Server Cabinet VS Open Rack. Which Works Best For You?

Server cabinets and open server racks ultimately server the same purpose, but their differences do define some noteworthy advantages and disadvantages, which can make choosing between the two difficult. However, which best suits you will ultimately be up to the environment that you plan to put your cabinet or rack in as well as  your plans for usage and even your aesthetic preference. So, first things first, we’ll look at the potential advantages that open racks can offer.

The Advantages of Open Racks

  • For most, what first comes to mind when investing in any equipment is the COST. Typically, open racks are much cheaper than cabinets because they are simpler in design and thus require fewer building materials and labor to manufacture. There are definitely higher end open racks with features like wire management systems and sliding trays that may cost much more than your average lower to midrange rack, but for the most part you can look to the open racks for the price advantage. The simplistic nature of the open rack can be a virtue in its own right as well, which brings me to the next advantage –
  • HIGH ACCESSIBILITY is definitely something to consider when it comes to storing your rackmount chassis workhorses. Things like cabling when expanding or connecting new equipment, installing and replacing redundant power supply modules, and general server maintenance are all potentially much simpler tasks when you can easily access all sides of your equipment. While there are server cabinets with detachable and swinging panels for better access, you can definitely expect your average open rack to provide a more accessibility overall.
  • VISIBILITY is another thing that is often overlooked in the datacenter. With an open rack, your ceiling lighting can illuminate your equipment since there is no enclosure blocking outside light. This can also improve the maintenance process since there is no need to use a small flashlight to observe smaller details. Some server cabinets have combatted this problem with built in lights which, if powerful enough could potentially provide better lighting than that of a natural room, but of course you would eventually see it reflected in your electricity bill.
  • To even further the point mentioned above, the higher visibility and accessibility of open racks could also aid in accomplishing a much FASTER INSTALLATION than you could with an enclosed set up.
  • AIRFLOW is very important when it comes to high performance computing applications because servers function much more efficiently at cooler temperatures. When they are enclosed without any kind of air conditioning, much of the heat they produce is invariably stored with them. With open racks, that heat is allowed to dissipate throughout the facility instead of adversely affecting the equipment. In many cases, large data centers have notoriously found success with free air cooling alone, resulting in huge energy cost savings and a reduced footprint overall.
  • CHEAPER SHIPPING might not immediately come to mind as an advantage, however, if you are shipping heavy equipment like this, all those extra pounds do add up and you’ll see them in your shipping costs.

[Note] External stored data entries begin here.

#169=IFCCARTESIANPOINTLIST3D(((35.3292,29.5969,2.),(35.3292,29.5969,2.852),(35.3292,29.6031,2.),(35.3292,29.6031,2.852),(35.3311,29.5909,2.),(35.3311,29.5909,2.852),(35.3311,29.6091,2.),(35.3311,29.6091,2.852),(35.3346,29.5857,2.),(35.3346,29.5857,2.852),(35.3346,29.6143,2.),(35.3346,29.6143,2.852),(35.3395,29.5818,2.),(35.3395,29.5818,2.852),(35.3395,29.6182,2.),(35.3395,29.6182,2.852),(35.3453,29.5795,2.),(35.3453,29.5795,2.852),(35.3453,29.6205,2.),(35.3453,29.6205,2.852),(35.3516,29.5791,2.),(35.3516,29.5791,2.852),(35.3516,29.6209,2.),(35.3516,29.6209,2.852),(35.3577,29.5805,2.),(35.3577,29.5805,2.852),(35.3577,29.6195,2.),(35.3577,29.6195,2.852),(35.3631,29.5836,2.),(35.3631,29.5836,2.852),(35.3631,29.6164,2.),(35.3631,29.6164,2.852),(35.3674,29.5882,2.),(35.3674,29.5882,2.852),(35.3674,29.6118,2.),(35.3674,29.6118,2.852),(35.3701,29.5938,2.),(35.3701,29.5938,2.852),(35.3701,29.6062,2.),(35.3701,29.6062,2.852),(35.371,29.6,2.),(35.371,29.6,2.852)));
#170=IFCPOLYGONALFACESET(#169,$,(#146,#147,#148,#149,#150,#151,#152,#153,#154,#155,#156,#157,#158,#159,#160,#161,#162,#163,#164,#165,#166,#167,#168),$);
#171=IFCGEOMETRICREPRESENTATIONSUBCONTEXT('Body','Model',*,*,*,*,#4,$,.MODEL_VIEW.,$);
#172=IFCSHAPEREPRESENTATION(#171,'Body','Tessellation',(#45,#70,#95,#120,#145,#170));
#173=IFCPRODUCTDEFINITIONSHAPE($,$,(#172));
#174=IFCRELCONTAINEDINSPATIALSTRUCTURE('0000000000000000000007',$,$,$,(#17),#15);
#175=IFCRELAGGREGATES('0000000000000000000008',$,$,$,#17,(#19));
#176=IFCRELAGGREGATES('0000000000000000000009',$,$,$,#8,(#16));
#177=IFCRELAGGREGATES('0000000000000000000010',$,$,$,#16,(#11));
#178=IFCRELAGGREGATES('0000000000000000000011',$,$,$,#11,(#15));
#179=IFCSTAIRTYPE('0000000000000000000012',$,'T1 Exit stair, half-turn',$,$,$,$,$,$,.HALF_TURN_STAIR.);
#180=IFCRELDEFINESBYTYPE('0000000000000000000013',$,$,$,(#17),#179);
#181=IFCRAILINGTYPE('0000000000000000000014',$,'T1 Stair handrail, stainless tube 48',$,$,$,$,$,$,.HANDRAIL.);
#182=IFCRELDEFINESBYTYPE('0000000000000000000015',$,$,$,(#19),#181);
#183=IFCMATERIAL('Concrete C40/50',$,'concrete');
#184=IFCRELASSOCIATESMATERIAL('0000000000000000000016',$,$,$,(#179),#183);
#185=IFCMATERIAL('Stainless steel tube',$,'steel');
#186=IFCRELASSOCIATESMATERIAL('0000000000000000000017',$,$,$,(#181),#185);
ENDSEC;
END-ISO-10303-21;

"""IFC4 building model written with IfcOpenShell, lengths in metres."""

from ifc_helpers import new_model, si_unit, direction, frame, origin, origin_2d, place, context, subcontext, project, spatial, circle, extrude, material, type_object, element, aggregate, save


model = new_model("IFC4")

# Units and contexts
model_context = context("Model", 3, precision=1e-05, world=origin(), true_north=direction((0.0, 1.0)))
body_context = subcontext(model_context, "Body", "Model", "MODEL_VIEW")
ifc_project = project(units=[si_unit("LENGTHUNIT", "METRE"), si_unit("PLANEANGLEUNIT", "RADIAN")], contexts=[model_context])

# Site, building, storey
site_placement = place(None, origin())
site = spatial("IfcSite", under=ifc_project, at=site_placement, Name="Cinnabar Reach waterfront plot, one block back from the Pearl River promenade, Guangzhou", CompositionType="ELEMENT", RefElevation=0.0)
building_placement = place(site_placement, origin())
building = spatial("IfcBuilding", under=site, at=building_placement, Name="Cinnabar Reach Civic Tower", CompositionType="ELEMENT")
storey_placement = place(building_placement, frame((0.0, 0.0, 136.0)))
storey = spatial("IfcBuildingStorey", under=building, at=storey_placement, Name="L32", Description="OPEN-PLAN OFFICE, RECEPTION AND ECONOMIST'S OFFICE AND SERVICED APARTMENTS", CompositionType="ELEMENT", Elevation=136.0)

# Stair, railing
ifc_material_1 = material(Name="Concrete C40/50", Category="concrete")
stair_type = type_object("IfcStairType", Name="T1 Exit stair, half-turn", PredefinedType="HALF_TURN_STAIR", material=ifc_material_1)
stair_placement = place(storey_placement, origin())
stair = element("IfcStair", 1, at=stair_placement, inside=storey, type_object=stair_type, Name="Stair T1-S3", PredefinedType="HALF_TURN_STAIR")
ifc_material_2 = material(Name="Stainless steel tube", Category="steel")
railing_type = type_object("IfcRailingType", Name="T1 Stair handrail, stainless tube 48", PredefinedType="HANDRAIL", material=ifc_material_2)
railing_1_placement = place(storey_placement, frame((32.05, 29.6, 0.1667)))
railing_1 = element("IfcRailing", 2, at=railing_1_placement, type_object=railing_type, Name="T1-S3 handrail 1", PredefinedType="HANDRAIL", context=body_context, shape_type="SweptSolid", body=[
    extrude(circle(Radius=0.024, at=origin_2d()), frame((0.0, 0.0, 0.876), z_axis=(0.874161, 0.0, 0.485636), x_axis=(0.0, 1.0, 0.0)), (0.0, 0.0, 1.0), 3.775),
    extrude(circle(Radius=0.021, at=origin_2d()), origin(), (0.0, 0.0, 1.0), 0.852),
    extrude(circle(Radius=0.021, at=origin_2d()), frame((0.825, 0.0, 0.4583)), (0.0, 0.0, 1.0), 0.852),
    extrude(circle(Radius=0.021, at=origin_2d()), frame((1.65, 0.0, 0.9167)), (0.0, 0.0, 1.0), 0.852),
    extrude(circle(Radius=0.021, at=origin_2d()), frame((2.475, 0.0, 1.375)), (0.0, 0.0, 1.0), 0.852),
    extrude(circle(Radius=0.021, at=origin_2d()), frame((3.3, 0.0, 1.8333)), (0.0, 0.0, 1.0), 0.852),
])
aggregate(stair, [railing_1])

Without the side panels, locks, padding, and cooling systems that you would typically find in a cabinet, racks are much lighter and consequently much cheaper to ship. And if you ship an open rack unassembled, the shipping will be even cheaper.

 The Advantages of a Server Cabinet

  • The PROTECTION of your equipment can be crucial depending on the applications you are working with. In many cases, it’s less about protecting the physical hardware and more about protecting data. In either case, security is an important issue that’s worth considering before you invest in any kind of enclosure. Server cabinets typically provide doors and panels with locks to keep non-associates from being able steal or leak data directly from your servers while simultaneously protecting your equipment from dust particles and the elements. While there are a some open rack solutions that allow you to add side panels and locks later on, it may be better to opt for a solution that’s made to pro-security standards from the get go.
  • There are a lot of small factors that can affect the overall performance of a data center that can go overlooked. For instance, some people work better in more organized environments and some can’t stand to work in messy ones. Cabinets can help to keep the overall AESTHETIC and feel of your data center tidy and cohesive. With an open rack set up, this would likely be a little more difficult to accomplish due to all of the exposed wires and messy equipment bits. One could even make the case that server cabinets do a better job of providing a “professional” demeanor to your datacenter that could benefit the company image or even employee morale.
  • If STURDINESS is an issue because of the intense weight of your equipment or the many varying edges and crannies amongst your racks, then a cabinet may be the way to go. There are open racks that are built to very high standards, but on average, the cabinet will likely be able to take a little more of a beating before your equipment is affected. So consider how harsh of an environment you’ll be putting your equipment in. if your servers are going to be around other industrial equipment with moving parts, a cabinet will likely be the better choice because you really never know what could happen.

While it may seem like the advantages sported by the open rack outweigh those of the cabinet, this is not necessarily the case. If you’re server is in a location where security is imperative, you should definitely opt for the cabinet. However, if the environment is one that supports the many benefits of an open rack, it may be worth sacrificing the looks and security of a cabinet for the efficiency, cost effectiveness, and ease of use that comes with an open rack.